Today’s post is not the usual puzzle/decision theory short note. It is related to the normal subject, but in a way that will take some explaining. The inspiration came when I downloaded and installed an update to the VLC player. As with many applications, the downloaded file was compressed. As I watched the window telling me the various sub-files had been uncompressed, I mused about randomness.
Randomness is sufficiently difficult to understand, that everyone thinks they understand what it is. Most people do not. I do not, and I have studied it more than most. Consider a completely random string of bytes. Try to compress that string like the VLC package was compressed. The only constraint is that you must be able to decompress it exactly. An equivalent random noise pattern is not acceptable. Of all the possible random patterns of that length (longer is better for this discussion), I want this one reproduced exactly. The point is that a completely random string cannot be compressed. [Technically, a random string could be all ones, and that can be compressed. But I am talking about a typical random sequence. This example indicates some of the nuances of the concept of randomness.] Similarly a completely compressed string of bytes will pass all tests for being a random array of bytes. That is, a string that contains the maximum possible information in a given length will be identical to a random string in certain ways.
One way the maximum possible compression differs from the random string is that when passed through the decompression process, it yields a desired result such at the updated VLC application. Attempting to decompress the random string typically gives another random string.
Normal compression works by recognizing patterns in the data and patterns can often be expressed with fewer bytes than the original data. But we can think of other ways to effectively compress data. Think of a jukebox. If I want to hear a complete Beethoven symphony, I can enter a couple of numbers and call up a lengthy and complex stream of music. For that reason, when people compete with new compression techniques, the length of both the data stream and the compression algorithm are combined. Why is that a more true measure of the worth of the compression?

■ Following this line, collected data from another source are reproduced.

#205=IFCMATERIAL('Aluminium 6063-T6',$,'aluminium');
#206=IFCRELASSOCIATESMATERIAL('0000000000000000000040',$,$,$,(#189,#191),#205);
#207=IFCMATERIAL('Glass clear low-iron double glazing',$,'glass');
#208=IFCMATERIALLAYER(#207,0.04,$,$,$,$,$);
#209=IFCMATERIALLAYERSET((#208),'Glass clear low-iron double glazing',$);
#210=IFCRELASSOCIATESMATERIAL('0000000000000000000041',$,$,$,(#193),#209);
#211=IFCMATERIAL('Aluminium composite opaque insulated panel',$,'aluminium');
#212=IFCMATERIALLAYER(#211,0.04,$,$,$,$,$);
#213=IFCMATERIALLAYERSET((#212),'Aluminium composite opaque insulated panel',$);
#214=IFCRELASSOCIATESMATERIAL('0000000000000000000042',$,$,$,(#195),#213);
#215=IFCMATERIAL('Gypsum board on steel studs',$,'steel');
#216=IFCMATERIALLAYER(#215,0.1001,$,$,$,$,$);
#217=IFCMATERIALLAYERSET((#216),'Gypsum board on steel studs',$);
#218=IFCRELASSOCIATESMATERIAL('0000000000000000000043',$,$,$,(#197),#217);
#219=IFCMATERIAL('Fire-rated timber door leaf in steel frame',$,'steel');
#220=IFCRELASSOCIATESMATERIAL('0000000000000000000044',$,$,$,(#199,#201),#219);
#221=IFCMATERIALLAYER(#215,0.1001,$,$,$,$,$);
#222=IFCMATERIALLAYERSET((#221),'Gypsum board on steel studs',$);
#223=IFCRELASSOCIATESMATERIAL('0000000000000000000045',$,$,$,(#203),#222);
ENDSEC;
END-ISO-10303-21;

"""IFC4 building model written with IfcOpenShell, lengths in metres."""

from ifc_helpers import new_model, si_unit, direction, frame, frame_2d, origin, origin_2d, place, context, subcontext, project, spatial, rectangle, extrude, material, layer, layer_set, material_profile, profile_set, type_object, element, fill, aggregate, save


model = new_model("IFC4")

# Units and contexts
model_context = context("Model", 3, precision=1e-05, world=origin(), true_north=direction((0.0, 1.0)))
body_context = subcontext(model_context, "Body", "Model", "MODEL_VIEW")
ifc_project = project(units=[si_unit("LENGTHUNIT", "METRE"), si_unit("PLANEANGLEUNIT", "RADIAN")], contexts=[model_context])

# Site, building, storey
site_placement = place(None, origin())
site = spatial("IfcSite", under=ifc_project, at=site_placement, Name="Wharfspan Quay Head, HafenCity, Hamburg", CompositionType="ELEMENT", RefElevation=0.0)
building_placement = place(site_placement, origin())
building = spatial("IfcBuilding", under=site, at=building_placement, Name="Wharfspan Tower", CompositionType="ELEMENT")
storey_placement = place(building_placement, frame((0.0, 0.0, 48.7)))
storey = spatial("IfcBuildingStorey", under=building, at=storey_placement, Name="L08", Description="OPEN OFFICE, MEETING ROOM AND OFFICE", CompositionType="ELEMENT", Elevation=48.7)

The tenuous link from data compression back to decision theory comes about from the problem of transmitting data, or even recovering it from storage. Noise happens. In a perfectly compressed data set, a single bad byte will result in bogus decompression. That is, the more we compress, the more susceptible we are to losing everything due to noise. But whether we are trying to maximize storage capacity of maximize our use of bandwidth, the benefits of data compression are too great to ignore. We could never had DVDs or live streaming video without compression.

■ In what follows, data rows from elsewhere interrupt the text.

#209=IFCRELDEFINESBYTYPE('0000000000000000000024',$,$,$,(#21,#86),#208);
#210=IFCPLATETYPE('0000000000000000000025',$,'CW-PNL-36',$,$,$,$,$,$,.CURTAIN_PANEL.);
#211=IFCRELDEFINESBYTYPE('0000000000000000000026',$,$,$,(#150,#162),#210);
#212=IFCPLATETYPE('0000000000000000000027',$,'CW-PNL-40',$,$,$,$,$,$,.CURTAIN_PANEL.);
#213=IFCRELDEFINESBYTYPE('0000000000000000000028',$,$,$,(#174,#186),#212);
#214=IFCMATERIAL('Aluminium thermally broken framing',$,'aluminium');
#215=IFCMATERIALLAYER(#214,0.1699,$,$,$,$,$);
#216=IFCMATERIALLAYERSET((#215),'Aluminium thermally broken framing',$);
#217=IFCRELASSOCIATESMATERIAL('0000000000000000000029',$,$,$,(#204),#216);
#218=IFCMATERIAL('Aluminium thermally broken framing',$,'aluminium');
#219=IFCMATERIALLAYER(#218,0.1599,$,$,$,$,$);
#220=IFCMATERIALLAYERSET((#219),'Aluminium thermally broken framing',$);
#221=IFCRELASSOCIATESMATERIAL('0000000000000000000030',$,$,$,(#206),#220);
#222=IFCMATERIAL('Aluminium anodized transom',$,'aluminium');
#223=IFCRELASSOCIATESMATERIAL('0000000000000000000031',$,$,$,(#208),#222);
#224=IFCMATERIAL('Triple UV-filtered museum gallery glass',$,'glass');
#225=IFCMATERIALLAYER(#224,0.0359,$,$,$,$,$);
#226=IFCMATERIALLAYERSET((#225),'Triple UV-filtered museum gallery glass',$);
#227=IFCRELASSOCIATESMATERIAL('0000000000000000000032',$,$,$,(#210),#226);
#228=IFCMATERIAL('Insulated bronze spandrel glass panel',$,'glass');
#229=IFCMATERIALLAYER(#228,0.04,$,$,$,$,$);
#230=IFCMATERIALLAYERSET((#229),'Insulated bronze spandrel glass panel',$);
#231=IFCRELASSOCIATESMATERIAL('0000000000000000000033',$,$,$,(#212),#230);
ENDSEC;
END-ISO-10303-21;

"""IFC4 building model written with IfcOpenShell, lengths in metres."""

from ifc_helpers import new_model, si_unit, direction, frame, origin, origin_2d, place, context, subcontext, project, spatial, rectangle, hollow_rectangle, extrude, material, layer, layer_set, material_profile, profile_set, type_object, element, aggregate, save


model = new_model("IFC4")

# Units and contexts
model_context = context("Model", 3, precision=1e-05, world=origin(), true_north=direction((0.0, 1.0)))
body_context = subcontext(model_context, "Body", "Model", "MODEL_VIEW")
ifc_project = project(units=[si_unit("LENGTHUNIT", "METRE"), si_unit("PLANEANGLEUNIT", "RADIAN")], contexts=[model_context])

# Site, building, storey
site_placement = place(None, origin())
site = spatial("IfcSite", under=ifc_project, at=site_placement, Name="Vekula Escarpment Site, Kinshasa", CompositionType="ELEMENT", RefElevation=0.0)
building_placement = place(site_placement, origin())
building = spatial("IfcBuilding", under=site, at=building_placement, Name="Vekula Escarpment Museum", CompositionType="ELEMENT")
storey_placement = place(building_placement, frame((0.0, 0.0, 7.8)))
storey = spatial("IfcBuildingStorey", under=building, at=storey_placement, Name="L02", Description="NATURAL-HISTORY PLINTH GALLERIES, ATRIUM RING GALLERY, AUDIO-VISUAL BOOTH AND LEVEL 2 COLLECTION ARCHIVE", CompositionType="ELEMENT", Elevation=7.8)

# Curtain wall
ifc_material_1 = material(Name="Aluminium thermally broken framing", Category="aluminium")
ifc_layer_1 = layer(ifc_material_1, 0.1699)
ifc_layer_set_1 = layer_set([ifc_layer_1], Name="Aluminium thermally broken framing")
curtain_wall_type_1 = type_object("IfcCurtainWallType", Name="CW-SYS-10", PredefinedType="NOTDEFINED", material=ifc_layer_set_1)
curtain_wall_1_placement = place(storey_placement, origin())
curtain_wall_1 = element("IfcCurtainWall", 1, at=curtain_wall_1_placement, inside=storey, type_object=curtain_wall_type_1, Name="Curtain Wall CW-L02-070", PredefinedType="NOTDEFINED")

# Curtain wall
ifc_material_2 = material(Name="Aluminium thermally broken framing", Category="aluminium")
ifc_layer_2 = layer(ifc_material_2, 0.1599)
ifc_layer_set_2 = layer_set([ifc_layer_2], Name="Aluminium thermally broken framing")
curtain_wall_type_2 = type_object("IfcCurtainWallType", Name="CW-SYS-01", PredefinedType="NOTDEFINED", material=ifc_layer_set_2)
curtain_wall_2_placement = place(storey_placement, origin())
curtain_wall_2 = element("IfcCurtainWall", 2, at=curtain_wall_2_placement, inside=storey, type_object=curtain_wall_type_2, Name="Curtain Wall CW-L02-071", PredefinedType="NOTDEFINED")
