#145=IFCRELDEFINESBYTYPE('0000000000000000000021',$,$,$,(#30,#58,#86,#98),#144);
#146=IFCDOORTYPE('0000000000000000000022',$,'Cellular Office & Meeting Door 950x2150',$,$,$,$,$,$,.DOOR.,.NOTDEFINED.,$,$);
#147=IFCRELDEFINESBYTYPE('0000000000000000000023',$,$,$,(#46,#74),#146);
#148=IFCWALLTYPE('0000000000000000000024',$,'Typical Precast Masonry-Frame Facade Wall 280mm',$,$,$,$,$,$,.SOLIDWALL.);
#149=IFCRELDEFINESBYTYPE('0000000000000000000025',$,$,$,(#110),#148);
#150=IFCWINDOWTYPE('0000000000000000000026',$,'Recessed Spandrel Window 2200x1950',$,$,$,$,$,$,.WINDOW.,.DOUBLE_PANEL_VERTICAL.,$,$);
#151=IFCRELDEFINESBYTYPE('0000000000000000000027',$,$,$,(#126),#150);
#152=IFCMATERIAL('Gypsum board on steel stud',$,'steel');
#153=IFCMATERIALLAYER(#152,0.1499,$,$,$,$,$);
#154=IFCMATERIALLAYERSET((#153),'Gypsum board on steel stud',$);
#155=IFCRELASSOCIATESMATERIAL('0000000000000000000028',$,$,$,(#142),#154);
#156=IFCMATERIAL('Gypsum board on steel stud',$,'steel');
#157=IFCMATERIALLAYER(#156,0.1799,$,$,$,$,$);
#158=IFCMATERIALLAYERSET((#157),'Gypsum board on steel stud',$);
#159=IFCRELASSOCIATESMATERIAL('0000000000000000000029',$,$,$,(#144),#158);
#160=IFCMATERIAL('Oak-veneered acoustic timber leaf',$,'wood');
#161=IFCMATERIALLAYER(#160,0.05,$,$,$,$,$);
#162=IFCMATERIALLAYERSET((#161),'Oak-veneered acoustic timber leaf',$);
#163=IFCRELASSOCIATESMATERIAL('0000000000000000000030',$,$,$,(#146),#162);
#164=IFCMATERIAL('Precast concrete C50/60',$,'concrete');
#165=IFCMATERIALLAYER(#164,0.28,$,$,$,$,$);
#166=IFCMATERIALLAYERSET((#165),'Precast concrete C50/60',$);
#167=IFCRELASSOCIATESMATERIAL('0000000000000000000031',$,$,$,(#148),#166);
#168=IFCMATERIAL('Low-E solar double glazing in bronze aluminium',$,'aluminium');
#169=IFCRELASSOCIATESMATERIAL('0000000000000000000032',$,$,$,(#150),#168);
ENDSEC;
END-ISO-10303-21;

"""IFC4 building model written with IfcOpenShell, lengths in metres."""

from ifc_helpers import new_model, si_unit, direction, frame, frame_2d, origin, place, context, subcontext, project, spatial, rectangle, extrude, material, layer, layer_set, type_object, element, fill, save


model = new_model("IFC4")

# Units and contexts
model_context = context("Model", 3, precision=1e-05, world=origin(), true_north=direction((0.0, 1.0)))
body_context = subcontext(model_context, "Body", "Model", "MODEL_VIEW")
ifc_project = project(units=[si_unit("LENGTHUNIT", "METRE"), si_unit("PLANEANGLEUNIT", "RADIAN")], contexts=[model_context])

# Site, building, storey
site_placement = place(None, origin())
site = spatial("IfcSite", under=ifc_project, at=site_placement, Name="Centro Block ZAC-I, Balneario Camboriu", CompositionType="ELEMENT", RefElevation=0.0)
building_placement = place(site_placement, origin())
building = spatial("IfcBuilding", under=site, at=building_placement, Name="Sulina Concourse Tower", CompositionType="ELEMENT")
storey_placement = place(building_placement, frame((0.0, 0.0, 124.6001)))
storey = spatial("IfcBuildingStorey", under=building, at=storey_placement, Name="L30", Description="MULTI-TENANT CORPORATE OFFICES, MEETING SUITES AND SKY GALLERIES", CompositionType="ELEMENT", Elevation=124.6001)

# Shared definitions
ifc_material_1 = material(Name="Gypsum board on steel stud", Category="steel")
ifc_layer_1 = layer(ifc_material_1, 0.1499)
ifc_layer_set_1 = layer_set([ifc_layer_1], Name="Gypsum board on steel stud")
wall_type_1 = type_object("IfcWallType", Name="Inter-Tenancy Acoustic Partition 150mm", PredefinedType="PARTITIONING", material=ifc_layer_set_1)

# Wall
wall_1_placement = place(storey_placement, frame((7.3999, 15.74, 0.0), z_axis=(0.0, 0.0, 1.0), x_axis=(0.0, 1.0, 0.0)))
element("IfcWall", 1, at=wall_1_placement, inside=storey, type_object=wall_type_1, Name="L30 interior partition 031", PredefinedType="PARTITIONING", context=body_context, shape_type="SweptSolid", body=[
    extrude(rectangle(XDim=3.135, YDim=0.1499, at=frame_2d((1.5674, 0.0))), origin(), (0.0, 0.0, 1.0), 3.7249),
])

The fix is to avoid complete compression and devote a fraction of the data stream to information that can detect and even repair noise. We do this in normal speech in two common ways. First we often repeat important data. Saying it twice improves the odds of the listener hearing it correctly. We also seek and give confirmation.
“Please delete all the VLC files.”
“Did you really want me to delete all those files?”
“Yes, I want you to delete them now.”
“Okay, I am deleting…”
Similar techniques are used in many applications.
But back to randomness. Can order come from a random process? Yes. Just look around you. All life evolves based on its response to conditions and random mutations. Another interesting example is to lay out parallel lines on a large piece of paper. For convenience, make them exactly one toothpick apart. Now drop or throw toothpicks at random onto the array and compute the ratio of toothpick that touch a line to those that do not. Do this for a large number of times and that ratio will converge on a number related to pi. What is it? And how does a random series of throws converge to a specific number?
Consider the pins on the bottom of a CPU. How did they get there in such a neat array? A random pile of pins was shaken over of substrate with holes. A random process was used to fill an ordered pattern. There is more to random that meets the eye.